Eine neue Studie der Bundesregierung zum Rechtsextremismus in Ostdeutschland kommt zu erschreckenden Ergebnissen

Eine neue Studie im Auftrag der Bundesregierung attestiert einigen Regionen in Ostdeutschland ein großes Problem mit Rechtsextremismus, der zugleich nicht ausschließlich ein Ost-West-Problem sei, heißt es in der Untersuchung der Wissenschaftler um den Parteienforscher Franz Walter vom Göttinger Institut für Demokratieforschung, die gestern von der Ostbeauftragten der Bundesregierung, Iris Gleicke (SPD), vorgestellt wurde.

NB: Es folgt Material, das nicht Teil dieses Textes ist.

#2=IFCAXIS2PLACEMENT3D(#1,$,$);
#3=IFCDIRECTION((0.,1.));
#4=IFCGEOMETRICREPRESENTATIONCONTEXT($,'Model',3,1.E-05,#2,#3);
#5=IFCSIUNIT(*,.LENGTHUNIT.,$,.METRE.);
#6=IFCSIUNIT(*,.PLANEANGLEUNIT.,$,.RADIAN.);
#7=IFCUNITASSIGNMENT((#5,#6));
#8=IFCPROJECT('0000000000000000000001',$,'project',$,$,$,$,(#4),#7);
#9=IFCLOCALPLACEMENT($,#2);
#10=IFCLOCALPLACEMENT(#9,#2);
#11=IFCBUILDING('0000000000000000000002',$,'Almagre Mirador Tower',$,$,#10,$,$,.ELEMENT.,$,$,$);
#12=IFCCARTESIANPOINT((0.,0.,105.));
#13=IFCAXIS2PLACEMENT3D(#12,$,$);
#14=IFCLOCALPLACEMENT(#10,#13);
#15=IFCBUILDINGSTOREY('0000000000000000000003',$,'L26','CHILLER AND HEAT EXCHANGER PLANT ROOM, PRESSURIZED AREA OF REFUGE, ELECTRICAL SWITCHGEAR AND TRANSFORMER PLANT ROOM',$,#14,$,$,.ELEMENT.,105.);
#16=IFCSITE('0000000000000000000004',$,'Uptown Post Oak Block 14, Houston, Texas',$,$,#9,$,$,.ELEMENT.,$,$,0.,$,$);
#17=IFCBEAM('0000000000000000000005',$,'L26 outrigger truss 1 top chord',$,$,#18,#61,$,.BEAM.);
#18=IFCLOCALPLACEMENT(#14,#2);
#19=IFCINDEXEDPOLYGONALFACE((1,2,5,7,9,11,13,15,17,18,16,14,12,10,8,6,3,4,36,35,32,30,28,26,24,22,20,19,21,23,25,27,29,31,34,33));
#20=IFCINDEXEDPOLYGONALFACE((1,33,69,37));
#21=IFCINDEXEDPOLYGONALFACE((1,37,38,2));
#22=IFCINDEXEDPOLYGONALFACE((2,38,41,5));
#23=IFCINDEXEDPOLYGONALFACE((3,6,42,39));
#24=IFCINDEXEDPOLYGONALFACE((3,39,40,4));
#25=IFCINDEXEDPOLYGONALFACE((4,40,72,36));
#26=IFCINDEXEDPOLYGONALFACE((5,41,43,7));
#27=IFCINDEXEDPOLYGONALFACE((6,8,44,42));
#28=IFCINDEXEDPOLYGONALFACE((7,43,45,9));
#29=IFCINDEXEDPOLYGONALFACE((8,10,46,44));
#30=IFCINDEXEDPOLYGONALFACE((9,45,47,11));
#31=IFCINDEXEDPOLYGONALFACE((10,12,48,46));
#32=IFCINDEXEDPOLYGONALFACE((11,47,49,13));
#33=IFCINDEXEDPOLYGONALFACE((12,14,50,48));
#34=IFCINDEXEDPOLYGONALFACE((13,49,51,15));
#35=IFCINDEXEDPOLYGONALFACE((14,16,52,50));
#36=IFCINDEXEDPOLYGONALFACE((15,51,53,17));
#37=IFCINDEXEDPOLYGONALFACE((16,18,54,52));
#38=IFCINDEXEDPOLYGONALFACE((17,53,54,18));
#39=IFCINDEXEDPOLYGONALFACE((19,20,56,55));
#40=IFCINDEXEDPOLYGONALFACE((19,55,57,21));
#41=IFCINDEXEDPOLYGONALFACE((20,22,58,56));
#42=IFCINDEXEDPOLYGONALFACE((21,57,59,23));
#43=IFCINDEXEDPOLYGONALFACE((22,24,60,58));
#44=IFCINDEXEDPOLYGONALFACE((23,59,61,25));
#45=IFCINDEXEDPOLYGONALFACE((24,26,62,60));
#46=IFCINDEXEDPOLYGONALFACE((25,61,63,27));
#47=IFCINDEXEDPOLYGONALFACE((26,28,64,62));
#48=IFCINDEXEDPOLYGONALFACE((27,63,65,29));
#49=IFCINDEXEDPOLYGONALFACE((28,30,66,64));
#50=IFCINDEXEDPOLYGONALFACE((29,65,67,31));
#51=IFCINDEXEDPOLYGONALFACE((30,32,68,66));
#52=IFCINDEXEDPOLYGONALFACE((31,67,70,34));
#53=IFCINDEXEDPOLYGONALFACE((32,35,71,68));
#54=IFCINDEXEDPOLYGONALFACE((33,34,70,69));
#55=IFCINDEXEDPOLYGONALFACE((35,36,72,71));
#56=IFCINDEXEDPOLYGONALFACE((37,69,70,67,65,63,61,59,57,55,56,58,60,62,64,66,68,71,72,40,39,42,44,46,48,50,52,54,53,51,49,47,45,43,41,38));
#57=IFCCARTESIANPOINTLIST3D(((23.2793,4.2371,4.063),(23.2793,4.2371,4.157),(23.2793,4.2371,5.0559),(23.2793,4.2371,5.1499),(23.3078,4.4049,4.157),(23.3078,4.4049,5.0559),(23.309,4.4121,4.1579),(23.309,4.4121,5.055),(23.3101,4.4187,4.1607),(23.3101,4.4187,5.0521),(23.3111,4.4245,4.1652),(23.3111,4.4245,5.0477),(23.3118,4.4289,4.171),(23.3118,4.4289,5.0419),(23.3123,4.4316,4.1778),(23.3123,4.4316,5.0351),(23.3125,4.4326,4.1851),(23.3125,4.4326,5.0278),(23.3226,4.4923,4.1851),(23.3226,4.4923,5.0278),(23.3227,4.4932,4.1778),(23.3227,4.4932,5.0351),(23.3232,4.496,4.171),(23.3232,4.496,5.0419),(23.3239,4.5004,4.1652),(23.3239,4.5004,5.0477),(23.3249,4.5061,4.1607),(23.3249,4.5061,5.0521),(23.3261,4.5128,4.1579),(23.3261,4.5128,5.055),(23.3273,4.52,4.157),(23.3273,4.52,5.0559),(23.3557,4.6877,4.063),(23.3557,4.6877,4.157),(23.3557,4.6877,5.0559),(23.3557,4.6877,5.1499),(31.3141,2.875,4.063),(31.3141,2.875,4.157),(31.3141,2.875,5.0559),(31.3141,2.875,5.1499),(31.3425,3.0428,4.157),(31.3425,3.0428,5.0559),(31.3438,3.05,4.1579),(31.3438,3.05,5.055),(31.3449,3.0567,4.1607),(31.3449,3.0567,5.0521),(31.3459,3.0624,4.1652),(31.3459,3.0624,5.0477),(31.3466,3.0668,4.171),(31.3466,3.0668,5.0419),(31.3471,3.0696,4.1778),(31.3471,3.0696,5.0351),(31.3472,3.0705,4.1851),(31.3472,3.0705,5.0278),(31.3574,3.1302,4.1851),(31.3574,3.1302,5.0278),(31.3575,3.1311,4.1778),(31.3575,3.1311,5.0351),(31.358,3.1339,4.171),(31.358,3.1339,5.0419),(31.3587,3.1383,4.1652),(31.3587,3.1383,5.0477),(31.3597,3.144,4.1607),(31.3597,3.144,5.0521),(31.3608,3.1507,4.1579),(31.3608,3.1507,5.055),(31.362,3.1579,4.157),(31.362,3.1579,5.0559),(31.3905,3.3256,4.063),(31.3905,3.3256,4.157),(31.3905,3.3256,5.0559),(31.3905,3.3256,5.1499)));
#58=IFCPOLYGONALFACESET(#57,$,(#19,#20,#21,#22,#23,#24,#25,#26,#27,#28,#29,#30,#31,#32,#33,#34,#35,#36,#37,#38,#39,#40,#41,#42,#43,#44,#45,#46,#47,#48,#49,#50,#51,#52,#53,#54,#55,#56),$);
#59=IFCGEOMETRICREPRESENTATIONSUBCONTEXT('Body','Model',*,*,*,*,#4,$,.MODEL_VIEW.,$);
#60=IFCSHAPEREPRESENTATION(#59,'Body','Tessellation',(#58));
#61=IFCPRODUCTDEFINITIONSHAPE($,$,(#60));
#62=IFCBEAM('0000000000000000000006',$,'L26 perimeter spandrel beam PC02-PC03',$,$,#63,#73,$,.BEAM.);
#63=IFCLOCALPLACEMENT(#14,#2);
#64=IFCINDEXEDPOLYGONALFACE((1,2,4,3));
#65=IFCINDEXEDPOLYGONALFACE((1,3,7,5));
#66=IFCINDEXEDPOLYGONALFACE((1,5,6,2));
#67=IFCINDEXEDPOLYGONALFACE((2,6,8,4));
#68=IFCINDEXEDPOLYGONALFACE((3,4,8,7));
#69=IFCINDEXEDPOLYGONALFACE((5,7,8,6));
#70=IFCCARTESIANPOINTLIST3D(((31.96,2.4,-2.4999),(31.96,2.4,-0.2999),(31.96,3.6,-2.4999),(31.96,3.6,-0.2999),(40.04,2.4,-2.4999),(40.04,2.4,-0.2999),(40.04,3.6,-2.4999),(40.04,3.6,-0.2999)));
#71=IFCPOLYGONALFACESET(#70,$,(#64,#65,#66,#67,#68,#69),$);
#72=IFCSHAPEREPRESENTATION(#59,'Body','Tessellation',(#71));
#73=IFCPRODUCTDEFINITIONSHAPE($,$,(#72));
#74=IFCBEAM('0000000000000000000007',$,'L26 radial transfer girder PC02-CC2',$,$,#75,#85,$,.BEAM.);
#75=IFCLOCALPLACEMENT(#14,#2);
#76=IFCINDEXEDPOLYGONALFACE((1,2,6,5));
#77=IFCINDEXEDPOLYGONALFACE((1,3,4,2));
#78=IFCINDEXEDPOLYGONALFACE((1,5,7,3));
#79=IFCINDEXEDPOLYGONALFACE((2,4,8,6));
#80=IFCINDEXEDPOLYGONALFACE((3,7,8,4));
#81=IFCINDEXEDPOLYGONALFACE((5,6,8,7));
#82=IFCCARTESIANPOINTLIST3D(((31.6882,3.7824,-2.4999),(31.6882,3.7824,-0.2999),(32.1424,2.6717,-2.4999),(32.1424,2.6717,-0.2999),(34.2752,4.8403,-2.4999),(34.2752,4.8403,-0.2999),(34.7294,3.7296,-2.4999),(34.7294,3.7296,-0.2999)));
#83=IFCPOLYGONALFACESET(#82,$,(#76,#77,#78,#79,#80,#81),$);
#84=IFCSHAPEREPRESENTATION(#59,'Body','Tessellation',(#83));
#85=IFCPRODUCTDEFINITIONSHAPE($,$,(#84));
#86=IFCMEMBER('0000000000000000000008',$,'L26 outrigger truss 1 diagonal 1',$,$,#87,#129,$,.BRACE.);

Über die Studie sprach Andreas Herholz mit Professor Hajo Funke, Politikwissenschaftler an der FU Berlin.

Wo liegen die Ursachen für wachsenden Rechtsextremismus in einigen ostdeutschen Regionen?
Funke: In den 90er-Jahren hat sich die rechtsextreme Szene in den neuen Bundesländern ungeheuer ausgedehnt. Es gab aber auch schon rechtsextreme Strömungen in der DDR. Natürlich ist der Antifaschismus ernst genommen worden. Aber es gab auch Fremden- und Judenfeindlichkeit und keine ausreichende historische Auseinandersetzung. Man kann nicht einfach die gesamte Bevölkerung zu Antifaschisten erklären. Die Umbrüche in der Wendezeit haben auch für Chaos gesorgt. Alte Werte und Regeln galten plötzlich nicht mehr. Da war das Angebot von ganz rechts für manche attraktiv. Das Versprechen der blühenden Landschaften hat sich nicht erfüllt. Die Kinder der Einheit hatten das Angebot einer gewaltbereiten Neonazi-Kultur. Nicht wenige sind darauf eingegangen.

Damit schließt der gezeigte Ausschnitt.